My experience with aluminum engines was back when they used studs and nuts so you had more than one chance of things coming apart.


----------



## BigJim

Nealtw said:


> My experience with aluminum engines was back when they used studs and nuts so you had more than one chance of things coming apart.


The old engines really spoiled me, these new cars are unreal.


----------



## Nealtw

I did watch one of my grandsons set a head back on an engine. He gave me the spiel about not setting the head face down because the valves stick out. Then he set it on the engine with out checking which pistons were at TDC and which valves were open.


----------



## BigJim

Nealtw said:


> I did watch one of my grandsons set a head back on an engine. He gave me the spiel about not setting the head face down because the valves stick out. Then he set it on the engine with out checking which pistons were at TDC and which valves were open.


Awwww man, that would really make me unhappy.

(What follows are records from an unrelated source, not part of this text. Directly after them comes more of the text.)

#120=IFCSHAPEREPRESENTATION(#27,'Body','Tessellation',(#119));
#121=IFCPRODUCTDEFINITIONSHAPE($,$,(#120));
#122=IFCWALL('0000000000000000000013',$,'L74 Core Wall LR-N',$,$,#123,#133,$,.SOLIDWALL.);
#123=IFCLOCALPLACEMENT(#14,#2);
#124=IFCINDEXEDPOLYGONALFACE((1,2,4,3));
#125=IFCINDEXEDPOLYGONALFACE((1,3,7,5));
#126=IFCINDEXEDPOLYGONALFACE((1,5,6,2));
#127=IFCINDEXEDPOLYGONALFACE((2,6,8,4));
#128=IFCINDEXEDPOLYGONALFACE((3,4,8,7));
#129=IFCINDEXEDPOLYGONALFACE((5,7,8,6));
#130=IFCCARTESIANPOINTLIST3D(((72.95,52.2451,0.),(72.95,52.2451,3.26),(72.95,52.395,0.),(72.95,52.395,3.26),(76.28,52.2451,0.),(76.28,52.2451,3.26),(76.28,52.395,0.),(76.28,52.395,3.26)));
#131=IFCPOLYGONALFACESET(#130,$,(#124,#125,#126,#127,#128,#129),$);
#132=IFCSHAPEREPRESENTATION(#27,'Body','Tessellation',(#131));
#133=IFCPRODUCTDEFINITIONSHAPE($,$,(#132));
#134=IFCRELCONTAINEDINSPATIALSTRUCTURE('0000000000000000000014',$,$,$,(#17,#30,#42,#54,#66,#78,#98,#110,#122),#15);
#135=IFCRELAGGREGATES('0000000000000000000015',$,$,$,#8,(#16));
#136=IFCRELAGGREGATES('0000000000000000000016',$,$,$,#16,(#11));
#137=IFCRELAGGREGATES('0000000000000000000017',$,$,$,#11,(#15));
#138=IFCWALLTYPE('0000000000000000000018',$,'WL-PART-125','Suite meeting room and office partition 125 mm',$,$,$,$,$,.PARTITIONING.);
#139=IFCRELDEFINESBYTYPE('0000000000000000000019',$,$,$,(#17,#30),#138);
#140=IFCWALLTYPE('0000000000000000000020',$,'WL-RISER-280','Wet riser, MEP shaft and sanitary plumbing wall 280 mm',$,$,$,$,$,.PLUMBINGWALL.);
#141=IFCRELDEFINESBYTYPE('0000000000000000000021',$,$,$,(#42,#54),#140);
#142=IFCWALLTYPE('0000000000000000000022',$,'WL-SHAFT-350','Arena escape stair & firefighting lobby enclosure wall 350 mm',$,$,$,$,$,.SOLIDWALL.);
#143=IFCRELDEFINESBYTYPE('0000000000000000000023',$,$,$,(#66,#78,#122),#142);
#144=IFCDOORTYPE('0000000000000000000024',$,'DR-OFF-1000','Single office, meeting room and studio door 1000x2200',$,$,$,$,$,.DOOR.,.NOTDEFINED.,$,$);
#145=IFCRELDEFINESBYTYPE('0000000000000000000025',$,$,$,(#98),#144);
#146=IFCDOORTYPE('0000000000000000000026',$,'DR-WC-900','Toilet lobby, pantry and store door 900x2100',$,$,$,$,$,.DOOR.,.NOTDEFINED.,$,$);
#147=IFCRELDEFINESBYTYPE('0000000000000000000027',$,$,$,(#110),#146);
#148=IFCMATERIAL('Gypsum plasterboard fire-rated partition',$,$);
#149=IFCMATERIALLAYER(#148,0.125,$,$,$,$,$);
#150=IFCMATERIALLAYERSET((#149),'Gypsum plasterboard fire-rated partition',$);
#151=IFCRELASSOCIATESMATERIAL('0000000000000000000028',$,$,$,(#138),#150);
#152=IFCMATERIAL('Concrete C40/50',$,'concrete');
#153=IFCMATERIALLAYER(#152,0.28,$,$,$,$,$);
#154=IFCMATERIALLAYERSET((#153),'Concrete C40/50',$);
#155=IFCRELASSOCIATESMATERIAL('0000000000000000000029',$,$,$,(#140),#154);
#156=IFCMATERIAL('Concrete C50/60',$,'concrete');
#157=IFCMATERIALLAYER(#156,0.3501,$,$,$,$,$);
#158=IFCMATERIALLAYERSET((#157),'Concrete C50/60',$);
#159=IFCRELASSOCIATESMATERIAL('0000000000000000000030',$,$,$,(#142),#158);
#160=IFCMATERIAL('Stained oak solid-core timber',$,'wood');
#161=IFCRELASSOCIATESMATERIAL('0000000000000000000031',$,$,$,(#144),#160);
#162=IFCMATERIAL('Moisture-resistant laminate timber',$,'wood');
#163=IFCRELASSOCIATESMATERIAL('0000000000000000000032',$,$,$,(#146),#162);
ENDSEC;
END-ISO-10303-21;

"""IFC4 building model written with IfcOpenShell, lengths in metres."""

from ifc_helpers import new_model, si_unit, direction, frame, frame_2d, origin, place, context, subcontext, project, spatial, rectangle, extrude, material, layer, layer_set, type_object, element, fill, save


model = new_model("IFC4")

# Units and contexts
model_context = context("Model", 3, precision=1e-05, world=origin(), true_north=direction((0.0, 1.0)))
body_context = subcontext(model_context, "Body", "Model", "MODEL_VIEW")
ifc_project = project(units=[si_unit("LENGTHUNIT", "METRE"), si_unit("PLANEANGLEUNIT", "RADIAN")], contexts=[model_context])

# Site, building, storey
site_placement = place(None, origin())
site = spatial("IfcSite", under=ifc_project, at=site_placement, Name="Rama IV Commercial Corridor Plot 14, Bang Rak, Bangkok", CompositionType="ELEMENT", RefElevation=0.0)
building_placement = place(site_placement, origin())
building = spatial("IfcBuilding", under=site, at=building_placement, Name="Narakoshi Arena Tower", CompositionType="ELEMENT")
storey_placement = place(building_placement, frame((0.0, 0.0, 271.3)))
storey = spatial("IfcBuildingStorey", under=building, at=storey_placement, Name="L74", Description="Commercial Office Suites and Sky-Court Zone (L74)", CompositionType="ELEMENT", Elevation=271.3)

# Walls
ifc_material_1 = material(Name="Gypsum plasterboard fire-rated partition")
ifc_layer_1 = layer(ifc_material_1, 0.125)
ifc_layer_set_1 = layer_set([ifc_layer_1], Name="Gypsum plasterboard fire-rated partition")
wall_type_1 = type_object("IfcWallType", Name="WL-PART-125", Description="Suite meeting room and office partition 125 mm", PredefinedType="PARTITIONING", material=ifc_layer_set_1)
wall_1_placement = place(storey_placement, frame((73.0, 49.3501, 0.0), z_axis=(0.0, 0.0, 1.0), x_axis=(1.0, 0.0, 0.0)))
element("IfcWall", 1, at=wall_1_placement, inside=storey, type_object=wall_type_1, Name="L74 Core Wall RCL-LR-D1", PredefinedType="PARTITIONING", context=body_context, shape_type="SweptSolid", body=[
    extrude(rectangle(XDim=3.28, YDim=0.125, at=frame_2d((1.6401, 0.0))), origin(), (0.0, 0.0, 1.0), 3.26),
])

But this engine you can't get to the head bolts without taking the cams out. I know your grandson was not a happy camper.

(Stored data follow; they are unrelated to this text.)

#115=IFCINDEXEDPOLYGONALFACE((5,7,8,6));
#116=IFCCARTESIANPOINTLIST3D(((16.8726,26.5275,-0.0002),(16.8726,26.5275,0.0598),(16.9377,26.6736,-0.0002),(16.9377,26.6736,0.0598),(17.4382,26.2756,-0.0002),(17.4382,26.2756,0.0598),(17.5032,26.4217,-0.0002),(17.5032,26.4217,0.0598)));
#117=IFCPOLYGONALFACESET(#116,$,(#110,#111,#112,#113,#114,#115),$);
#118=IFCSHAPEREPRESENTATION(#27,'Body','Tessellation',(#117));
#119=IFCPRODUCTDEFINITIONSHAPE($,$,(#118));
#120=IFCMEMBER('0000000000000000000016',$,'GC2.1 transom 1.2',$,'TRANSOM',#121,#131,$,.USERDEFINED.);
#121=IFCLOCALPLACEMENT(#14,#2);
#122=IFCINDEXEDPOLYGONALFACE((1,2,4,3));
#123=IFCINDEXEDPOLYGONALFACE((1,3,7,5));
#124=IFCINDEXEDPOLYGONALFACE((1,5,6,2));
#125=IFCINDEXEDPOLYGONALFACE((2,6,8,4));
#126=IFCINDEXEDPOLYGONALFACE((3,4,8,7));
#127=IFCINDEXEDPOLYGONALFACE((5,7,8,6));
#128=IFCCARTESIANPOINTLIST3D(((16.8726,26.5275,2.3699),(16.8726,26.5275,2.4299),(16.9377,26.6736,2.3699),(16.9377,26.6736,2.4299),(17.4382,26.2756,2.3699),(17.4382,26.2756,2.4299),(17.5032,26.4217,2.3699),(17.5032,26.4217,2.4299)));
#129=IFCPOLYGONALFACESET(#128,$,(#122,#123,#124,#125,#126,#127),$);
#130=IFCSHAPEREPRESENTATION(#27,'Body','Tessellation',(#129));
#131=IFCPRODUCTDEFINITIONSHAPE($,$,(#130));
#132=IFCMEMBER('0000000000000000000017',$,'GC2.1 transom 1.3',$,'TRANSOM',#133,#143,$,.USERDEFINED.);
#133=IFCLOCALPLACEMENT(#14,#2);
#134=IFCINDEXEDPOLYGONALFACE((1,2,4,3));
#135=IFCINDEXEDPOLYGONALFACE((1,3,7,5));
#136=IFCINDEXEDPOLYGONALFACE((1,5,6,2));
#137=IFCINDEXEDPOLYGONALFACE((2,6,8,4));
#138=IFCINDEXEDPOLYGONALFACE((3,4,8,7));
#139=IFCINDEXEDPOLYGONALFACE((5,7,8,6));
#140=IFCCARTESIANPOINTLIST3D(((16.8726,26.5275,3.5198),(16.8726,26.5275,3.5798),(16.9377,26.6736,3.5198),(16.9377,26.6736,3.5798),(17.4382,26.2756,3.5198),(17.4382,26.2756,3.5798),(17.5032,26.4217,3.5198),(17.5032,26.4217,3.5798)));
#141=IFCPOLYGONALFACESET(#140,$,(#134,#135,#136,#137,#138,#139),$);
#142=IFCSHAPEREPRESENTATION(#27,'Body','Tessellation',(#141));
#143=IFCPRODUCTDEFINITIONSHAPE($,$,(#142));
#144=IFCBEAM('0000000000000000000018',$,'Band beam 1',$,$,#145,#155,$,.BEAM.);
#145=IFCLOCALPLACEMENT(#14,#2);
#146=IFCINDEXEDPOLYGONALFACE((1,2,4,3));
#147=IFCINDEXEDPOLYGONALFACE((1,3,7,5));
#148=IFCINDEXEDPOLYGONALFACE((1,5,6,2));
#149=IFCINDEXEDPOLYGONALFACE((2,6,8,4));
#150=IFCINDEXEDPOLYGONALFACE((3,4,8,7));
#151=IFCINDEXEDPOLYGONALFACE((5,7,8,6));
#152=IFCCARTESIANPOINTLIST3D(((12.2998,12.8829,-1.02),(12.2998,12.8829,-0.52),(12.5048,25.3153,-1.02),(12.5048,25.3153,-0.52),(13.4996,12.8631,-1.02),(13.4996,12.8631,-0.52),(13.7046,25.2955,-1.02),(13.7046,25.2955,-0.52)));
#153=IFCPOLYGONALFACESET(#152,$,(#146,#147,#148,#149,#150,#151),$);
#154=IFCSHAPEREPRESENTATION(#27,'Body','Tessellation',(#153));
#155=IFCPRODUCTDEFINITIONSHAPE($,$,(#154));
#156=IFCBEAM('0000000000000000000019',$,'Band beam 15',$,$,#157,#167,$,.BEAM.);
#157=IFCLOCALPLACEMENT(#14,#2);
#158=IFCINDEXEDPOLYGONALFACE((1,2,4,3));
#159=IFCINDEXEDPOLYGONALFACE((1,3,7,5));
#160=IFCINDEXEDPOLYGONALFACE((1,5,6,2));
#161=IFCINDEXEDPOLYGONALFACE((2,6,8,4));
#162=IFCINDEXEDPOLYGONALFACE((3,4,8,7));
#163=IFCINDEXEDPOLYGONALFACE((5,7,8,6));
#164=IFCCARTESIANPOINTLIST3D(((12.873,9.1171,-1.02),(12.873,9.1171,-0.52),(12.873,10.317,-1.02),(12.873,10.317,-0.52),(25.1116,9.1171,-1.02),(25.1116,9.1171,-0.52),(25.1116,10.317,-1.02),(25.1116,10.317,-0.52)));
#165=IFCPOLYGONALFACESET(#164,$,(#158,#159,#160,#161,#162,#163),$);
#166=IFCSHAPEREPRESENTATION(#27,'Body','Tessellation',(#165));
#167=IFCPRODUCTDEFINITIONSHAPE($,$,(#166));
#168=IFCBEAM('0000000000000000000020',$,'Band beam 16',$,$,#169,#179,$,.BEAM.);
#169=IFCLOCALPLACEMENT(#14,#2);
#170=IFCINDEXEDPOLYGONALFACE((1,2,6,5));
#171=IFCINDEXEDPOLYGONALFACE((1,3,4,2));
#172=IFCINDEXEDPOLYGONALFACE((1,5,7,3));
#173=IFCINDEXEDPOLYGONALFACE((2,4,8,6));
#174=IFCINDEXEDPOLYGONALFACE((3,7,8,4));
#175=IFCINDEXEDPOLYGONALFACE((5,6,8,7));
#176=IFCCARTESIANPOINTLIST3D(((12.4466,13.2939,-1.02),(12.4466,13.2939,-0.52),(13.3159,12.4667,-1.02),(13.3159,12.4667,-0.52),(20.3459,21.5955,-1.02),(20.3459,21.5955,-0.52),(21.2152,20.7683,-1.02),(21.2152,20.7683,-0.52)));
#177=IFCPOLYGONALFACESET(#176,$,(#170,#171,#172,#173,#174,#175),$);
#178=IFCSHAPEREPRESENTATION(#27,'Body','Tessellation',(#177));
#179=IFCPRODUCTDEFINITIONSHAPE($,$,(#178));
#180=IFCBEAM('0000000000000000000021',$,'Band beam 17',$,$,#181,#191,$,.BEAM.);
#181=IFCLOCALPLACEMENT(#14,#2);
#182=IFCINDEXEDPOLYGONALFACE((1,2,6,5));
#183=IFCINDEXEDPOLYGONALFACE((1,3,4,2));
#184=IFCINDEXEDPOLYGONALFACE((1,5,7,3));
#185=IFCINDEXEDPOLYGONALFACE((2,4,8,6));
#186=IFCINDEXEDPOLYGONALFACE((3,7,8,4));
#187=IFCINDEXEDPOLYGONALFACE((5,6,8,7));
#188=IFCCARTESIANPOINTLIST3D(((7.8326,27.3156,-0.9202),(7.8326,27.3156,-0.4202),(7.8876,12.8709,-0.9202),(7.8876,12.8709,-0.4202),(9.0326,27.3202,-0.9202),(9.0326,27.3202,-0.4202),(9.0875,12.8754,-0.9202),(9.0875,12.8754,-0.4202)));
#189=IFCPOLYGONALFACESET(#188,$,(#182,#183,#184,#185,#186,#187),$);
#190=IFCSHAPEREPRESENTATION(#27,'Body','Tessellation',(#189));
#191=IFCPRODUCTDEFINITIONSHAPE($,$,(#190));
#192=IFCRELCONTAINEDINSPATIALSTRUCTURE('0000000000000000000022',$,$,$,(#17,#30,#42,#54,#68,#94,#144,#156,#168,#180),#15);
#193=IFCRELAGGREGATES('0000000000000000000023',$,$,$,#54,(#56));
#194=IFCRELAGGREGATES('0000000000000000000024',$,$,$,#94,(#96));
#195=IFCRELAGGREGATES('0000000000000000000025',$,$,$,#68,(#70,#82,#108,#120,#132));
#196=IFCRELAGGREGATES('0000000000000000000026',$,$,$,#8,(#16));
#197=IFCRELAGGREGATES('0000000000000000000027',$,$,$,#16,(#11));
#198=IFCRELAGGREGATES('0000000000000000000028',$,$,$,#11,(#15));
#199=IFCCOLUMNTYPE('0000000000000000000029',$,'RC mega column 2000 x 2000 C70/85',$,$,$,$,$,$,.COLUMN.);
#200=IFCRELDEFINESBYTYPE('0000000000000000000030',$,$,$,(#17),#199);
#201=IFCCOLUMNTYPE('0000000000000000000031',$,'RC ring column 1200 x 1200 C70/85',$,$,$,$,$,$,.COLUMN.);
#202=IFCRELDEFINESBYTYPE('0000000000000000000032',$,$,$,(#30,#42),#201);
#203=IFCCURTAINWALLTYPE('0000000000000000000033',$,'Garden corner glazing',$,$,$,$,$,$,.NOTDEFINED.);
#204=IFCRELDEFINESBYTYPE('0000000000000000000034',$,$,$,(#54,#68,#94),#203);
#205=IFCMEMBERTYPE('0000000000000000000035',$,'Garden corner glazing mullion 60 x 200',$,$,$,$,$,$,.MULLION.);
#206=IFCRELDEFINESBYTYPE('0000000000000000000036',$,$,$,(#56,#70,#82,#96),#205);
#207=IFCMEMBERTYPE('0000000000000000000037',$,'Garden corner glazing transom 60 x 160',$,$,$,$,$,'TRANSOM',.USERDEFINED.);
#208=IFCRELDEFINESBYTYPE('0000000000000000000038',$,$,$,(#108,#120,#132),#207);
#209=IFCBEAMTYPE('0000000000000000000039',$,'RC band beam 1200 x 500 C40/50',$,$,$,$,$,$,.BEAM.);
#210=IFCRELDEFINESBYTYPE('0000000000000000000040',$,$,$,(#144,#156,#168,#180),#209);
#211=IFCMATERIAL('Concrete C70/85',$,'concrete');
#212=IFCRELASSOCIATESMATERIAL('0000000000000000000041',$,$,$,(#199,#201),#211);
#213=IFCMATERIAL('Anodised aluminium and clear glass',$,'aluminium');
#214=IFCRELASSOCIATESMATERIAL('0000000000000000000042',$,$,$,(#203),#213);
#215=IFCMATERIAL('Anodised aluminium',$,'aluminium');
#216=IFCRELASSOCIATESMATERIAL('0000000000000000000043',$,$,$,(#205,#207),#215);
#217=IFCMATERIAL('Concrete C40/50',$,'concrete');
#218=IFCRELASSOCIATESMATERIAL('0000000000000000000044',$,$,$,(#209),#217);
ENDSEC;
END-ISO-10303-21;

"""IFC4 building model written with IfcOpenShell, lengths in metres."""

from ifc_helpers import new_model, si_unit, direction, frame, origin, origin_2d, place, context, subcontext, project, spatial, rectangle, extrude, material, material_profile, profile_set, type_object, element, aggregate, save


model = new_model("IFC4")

All I am hoping is the pistons can come out the bottom without taking the head off, but I got a feeling they won't.


----------



## BigJim

Hot diggity dad blame, I got all the bolts out today. I finally found a socket that will fit the craddle bolts, it is a E-14 Torx. 

I am so happy I don't know what to do. I did a lot of praying and it worked. I flipped the block over and let the oil drip out of the head bolt holes. I looked with a flash light after flipping it back over, and the head bolt I thought I rounded out, looked like it wasn't stripped. I tried to push the allen down in the bolt head but it was too tight so I drove it in. 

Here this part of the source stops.